Stattgegebener Eilantrag steht zeitnaher Abschiebung regelmäßig entgegen

Der Anwen­dungs­bereich des § 37 Abs. 1 AsylG kann auch nicht seinem Zweck nach (teleologisch) begrenzt werden, weil weder die ausdrückliche Einbeziehung von Unzuläs­sig­keits­ent­schei­dungen nach § 29 Abs. 1 Nr. 2 AsylG noch der Umstand, dass sich die Rechtswirkungen des § 37 Abs. 1 AsylG unabhängig von den Gründen, aus denen das Verwal­tungs­gericht einem Antrag nach § 80 Abs. 5 VwGO stattgegeben hat, stets auch auf die Unzuläs­sig­keits­ent­scheidung erstrecken, der inneren Teleologie (Zielsetzung) der Regelung widersprechen. Die Regelungen der §§ 35 ff. AsylG dienen der beschleunigten Aufent­halts­be­en­digung bei anderweitiger Verfol­gungs­si­cherheit. Gibt das Verwal­tungs­gericht einem Eilantrag wegen ernstlicher Zweifel statt, steht dies einer zeitnahen Abschiebung regelmäßig entgegen. In diesem Fall soll nicht der Ausgang des gerichtlichen Haupt­sa­che­ver­fahrens abgewartet werden, sondern ist das Bundesamt nach § 37 Abs. 1 Satz 2 AsylG zur Fortführung des Asylverfahrens verpflichtet. Dabei muss sich das Bundesamt mit den vom Verwal­tungs­gericht im Eilverfahren geäußerten ernstlichen Zweifeln ausein­an­der­setzen, ist aber an dessen Bewertung nicht gebunden. Liegen die Voraussetzungen des § 29 Abs. 1 Nr. 2 AsylG weiterhin vor, ist erneut eine Unzuläs­sig­keits­ent­scheidung zu treffen.
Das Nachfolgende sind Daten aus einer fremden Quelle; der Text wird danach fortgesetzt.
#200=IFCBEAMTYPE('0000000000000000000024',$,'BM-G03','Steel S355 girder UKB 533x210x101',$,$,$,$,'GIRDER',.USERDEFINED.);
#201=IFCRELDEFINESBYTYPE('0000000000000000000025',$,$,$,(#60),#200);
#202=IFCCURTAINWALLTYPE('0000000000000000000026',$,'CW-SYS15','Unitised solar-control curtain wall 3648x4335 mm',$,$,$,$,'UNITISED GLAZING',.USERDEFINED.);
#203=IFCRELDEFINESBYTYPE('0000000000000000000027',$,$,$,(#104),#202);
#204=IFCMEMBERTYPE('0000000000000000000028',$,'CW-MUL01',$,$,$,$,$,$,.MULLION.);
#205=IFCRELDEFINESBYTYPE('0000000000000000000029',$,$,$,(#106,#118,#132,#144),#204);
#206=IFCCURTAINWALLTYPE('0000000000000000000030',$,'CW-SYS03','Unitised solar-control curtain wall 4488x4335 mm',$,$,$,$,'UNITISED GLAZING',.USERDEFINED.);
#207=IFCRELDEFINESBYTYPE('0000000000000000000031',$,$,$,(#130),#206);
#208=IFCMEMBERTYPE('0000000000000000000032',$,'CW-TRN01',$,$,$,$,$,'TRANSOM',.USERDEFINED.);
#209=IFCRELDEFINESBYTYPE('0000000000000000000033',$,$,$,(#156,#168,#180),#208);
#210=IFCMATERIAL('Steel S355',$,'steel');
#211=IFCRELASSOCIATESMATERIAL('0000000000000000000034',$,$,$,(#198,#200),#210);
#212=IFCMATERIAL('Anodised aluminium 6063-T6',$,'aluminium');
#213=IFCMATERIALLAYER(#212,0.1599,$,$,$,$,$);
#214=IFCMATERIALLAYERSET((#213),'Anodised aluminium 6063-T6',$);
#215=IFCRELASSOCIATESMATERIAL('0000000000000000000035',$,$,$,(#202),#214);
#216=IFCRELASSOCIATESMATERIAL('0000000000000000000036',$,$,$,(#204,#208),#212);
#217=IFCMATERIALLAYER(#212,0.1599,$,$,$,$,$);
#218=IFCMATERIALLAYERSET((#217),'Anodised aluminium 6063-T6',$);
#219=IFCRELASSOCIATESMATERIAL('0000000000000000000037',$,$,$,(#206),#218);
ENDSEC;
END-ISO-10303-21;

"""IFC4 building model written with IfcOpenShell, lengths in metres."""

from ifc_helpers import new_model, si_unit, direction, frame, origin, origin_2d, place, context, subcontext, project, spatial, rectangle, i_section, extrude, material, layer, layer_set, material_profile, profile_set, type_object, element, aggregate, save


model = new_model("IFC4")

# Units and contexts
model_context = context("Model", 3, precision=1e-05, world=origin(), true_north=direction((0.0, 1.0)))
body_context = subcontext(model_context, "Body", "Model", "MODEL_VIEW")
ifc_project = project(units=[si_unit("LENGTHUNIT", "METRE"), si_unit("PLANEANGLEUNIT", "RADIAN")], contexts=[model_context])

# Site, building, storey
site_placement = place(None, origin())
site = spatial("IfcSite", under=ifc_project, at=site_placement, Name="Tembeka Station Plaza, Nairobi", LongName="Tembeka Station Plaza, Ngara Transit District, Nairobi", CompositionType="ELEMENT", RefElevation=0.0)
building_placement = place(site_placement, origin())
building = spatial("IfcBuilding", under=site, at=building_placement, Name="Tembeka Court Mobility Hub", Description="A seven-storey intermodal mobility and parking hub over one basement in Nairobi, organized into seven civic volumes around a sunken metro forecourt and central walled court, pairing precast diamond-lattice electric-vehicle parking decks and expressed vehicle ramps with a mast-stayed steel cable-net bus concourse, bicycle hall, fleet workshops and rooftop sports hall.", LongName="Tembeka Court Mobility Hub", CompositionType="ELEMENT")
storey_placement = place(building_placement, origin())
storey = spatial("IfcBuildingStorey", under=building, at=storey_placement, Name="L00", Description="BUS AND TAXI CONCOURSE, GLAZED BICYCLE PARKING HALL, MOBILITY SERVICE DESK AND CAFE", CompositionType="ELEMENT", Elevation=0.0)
Vermeidung einer "Endlosschleife" im Verfahren

Die Entschei­dungs­in­strumente, die das Asylgesetz zur Verfügung stellt, ermöglichen dem Bundesamt für diese Konstellation, eine "Endlosschleife" im Verfahren zu vermeiden. So kann es eine rechts­grund­sätzliche Klärung in einem gerichtlichen Haupt­sa­che­ver­fahren dadurch herbeiführen, dass es entweder ausnahmsweise vom Erlass einer Abschie­bung­s­an­drohung nach § 34 Abs. 2 AsylG bis zu einer endgültigen gerichtlichen Überprüfung seiner erneuten Unzuläs­sig­keits­ent­scheidung in einem Haupt­sa­che­ver­fahren absieht oder eine Abschie­bung­s­an­drohung erlässt, deren Vollzug aber bis zu einer rechts­grund­sätz­lichen Klärung nach § 80 Abs. 4 VwGO aussetzt. Objektiv nicht im Einklang mit dem Asylgesetz steht indes die Praxis des Bundesamtes, bei einer auf § 29 Abs. 1 Nr. 2 AsylG gestützten Unzuläs­sig­keits­ent­scheidung unter Rückgriff auf § 38 Abs. 1 AsylG die Abschie­bung­s­an­drohung mit einer bei Klageerhebung erst nach Unanfecht­barkeit laufenden 30-tägigen Ausreisefrist zu verbinden.